Penetration looks to be about 16", expansion about 0.52"+.  

Another bonus, is that it's not restricted to law enforcement use, unlike some of the other premium loads (Winchester Ranger, Federal HST, etc), since your local Academy Sports carries it.


----------



## lklawson (Jun 12, 2012)

The biggest difference between the Critical Duty, Critical Defense, and the (competing) Pow'rBall is that the Critical Duty is 135 gr. and the others are 115 gr.

I was unaware that Win. Ranger was "restricted."  I bought some at one of my LGS's with no problems.  My Kel Tec's hated it and choked regularly on it so I gave it to my brother to use in his SD handgun.

Peace favor your sword,
Kirk


----------



## Skpotamus (Jun 12, 2012)

lklawson said:


> The biggest difference between the Critical Duty, Critical Defense, and the (competing) Pow'rBall is that the Critical Duty is 135 gr. and the others are 115 gr.
> 
> I was unaware that Win. Ranger was "restricted." I bought some at one of my LGS's with no problems. My Kel Tec's hated it and choked regularly on it so I gave it to my brother to use in his SD handgun.
> 
> ...



Winchester Ranger SXT Ammo (as opposed to winchester SXT) is restricted to LEO's by winchester.  Us lowly civvies have to make do with their regular SXT loads.  Ditto for the federal HST.  It's not illegal to own or carry (check local laws as some places are quite odd), but the companies don't want to sell them to civilians.  You can still find places online to get it though.


----------



## lklawson (Jun 12, 2012)

I walked into the LGS, asked what was a popular SD loading (just looking for stuff to test in my PF9/P11) and walked out with a gold box labeled "Winchester Ranger" - 147 gr. bonded.  I don't remember what else might have been marked. RA9T?  SXT?  I don't remember.

Peace favor your sword,
Kirk


----------



## Grenadier (Jun 12, 2012)

lklawson said:


> I walked into the LGS, asked what was a popular SD loading (just looking for stuff to test in my PF9/P11) and walked out with a gold box labeled "Winchester Ranger" - 147 gr. bonded.  I don't remember what else might have been marked. RA9T?  SXT?  I don't remember.
> 
> Peace favor your sword,
> Kirk



Ranger 147 grain bonded JHP is excellent stuff.  It was designed to expand reliably at subsonic velocities, even out of shorter barrels, while retaining the higher penetration levels of a typical 147 grain JHP.

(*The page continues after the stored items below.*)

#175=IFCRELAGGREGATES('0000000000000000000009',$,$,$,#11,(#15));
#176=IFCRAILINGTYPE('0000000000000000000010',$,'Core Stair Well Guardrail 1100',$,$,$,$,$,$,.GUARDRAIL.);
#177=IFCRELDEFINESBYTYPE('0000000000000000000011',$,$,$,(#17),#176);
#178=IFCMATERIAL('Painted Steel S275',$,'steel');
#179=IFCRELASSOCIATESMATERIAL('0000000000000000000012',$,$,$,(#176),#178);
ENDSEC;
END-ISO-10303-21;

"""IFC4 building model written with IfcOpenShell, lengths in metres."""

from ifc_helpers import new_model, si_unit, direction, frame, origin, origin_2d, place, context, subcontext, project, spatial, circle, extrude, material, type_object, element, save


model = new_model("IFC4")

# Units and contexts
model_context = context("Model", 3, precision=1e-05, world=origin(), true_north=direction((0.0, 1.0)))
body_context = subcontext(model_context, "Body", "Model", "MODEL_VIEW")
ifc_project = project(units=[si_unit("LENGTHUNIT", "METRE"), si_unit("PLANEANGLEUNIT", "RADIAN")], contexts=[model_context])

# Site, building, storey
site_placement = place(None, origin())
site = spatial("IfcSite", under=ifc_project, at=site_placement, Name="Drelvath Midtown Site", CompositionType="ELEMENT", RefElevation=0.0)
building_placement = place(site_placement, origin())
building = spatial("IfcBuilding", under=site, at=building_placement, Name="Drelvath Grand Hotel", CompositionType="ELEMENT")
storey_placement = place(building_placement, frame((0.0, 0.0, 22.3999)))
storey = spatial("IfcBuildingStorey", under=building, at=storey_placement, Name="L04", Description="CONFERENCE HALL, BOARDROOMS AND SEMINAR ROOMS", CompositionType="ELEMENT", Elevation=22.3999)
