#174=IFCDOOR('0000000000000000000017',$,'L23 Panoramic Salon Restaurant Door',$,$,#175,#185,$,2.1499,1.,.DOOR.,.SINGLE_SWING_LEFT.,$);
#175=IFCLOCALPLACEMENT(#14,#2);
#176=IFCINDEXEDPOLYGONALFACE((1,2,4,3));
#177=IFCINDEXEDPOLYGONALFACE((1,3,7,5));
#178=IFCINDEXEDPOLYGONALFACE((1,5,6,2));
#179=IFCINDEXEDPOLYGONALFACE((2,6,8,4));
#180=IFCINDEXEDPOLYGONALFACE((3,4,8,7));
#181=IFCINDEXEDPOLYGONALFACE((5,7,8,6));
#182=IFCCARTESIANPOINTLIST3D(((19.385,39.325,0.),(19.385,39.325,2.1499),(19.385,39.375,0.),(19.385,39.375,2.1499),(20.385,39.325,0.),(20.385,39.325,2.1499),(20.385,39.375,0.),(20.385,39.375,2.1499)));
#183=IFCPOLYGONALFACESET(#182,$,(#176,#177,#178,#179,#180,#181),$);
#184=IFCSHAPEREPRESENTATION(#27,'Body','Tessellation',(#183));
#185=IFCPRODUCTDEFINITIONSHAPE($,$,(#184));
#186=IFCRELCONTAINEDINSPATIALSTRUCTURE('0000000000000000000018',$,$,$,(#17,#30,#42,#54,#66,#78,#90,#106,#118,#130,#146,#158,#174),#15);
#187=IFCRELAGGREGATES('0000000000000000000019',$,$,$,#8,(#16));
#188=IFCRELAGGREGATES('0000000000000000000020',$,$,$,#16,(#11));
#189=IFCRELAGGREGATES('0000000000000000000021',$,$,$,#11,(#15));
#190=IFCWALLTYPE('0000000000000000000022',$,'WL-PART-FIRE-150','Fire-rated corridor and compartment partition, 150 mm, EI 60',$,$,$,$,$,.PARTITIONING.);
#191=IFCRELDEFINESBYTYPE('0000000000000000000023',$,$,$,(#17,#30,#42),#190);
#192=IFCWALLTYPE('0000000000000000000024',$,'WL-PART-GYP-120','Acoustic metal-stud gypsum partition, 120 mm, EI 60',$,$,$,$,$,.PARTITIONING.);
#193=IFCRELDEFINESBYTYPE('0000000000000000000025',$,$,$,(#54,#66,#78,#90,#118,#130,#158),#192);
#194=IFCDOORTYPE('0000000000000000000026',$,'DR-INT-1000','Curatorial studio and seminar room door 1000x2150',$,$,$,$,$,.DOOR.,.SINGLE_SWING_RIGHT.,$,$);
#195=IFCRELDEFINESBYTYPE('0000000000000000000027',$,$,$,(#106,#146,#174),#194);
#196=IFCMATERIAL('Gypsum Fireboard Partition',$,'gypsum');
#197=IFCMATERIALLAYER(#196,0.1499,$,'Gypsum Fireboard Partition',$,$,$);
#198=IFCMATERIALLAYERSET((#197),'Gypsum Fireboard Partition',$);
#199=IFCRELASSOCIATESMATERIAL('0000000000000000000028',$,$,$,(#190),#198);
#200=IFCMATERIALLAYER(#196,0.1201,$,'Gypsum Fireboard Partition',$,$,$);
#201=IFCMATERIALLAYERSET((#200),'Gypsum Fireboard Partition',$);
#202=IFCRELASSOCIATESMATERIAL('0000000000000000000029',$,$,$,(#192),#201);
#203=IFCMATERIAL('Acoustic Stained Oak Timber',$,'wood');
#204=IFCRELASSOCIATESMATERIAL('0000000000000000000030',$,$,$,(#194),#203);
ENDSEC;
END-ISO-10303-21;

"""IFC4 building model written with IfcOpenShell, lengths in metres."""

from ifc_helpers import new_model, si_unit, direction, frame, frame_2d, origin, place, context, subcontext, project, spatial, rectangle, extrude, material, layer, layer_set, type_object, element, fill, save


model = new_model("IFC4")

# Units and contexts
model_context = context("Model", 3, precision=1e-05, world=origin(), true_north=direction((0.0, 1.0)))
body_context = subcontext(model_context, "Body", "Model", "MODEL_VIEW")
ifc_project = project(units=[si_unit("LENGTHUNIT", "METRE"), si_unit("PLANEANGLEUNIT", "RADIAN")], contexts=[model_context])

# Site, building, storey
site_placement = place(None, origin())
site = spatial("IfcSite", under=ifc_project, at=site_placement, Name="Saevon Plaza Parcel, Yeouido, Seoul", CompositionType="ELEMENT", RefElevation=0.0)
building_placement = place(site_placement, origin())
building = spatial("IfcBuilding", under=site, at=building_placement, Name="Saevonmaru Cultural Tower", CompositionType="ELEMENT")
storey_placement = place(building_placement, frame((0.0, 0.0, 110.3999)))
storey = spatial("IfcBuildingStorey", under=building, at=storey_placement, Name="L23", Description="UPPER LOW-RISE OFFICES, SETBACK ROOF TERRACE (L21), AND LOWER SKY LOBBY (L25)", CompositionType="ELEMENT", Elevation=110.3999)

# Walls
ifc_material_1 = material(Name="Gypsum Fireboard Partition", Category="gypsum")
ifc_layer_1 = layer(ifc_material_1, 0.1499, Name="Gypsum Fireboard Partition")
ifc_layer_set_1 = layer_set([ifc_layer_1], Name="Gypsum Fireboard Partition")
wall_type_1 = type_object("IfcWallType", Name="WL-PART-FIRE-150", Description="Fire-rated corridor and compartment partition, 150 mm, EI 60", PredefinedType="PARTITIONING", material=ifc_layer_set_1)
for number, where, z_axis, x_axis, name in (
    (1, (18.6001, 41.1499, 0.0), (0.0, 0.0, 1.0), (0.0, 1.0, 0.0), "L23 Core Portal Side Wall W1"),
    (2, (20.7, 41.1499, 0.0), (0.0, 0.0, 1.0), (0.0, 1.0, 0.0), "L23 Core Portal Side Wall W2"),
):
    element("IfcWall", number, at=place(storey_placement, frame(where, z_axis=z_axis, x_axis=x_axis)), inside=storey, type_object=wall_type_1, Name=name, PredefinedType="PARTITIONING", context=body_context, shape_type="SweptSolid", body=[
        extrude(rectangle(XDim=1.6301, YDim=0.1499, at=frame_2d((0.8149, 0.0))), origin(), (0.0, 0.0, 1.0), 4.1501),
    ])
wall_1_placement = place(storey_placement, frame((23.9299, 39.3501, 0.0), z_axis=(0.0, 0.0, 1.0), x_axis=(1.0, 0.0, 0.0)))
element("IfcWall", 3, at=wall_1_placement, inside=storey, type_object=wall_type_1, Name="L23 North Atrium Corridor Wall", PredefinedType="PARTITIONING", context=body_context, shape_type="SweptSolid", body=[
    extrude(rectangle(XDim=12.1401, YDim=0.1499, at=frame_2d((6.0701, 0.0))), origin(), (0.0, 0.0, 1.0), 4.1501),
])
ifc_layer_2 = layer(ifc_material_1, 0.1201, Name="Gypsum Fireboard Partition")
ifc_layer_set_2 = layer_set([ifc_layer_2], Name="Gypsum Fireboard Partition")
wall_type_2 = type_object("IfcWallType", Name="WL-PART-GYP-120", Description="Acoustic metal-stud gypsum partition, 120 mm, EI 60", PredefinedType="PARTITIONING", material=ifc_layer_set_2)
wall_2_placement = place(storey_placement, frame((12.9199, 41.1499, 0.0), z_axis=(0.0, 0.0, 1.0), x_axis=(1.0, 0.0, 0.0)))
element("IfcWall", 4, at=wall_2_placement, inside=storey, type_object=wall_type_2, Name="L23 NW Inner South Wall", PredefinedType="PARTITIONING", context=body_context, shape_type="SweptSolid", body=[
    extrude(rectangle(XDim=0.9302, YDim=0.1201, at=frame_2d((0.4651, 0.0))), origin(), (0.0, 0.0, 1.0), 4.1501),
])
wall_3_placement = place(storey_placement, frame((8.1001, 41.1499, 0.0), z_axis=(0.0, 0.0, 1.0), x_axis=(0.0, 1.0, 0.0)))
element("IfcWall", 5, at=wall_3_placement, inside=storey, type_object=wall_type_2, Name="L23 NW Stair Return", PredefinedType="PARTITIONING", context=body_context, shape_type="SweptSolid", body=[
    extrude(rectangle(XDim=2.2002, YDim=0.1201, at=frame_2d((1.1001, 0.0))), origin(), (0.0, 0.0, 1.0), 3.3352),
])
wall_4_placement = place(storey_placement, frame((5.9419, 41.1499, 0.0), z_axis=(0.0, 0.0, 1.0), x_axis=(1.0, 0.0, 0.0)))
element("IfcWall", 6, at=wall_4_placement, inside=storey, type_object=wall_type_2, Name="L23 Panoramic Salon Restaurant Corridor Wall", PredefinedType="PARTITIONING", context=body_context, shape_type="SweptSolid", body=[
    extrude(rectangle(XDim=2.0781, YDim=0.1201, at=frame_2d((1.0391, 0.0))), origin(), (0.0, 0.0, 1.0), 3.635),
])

"Regular" SXT isn't quite the same thing as today's Ranger ammo, since I believe that Winchester has already moved onto the 3rd generation bullets for their latest offerings.  It's still a decent hollowpoint load, though.  

"Ranger" SXT should be using the 2nd or 3rd generation bullets, and offer a bit better performance overall.  I wouldn't feel undergunned if I were carrying the "Regular" SXT's though.


----------



## lklawson (Jun 12, 2012)

Grenadier said:


> Ranger 147 grain bonded JHP is excellent stuff.  It was designed to expand reliably at subsonic velocities, even out of shorter barrels, while retaining the higher penetration levels of a typical 147 grain JHP.


My Kel Tecs hated the stuff so I couldn't use it.  I gave it to my brother.  

Peace favor your sword,
Kirk


----------



## Grenadier (Jun 13, 2012)

lklawson said:


> My Kel Tecs hated the stuff so I couldn't use it.  I gave it to my brother.



Your brother owes you a lot of thanks!

You're right about Kel Tec's not liking it...  For some reason, they seem to have more problems with the subsonic 147 grainers than other loads.  Some Kel Tec's feed them just fine, others won't, and some of them will feed them fine after some fluff 'n buff.  The reverse taper of the Winchester bullet is supposed to promote better feeding.  

Still, I'd rather have a load that feeds 100% fine in my gun, with no modifications.


----------



## lklawson (Jun 13, 2012)

Grenadier said:


> Your brother owes you a lot of thanks!
> 
> You're right about Kel Tec's not liking it...  For some reason, they seem to have more problems with the subsonic 147 grainers than other loads.  Some Kel Tec's feed them just fine, others won't, and some of them will feed them fine after some fluff 'n buff.  The reverse taper of the Winchester bullet is supposed to promote better feeding.
> 
> Still, I'd rather have a load that feeds 100% fine in my gun, with no modifications.


Yeah.  There's a lot of discussion over why KT's hate 147 gr. stuff,  but, when it gets right down to it, I'm with you that I'd rather just  have a round that feeds reliably.

In the end, I went with Hornady Critical Defense 115gr. in my P11 and Cor-Bon Pow'rBall 115gr. in my PF9.  Both feed reliably in those firearms.

Peace favor your sword,
Kirk


----------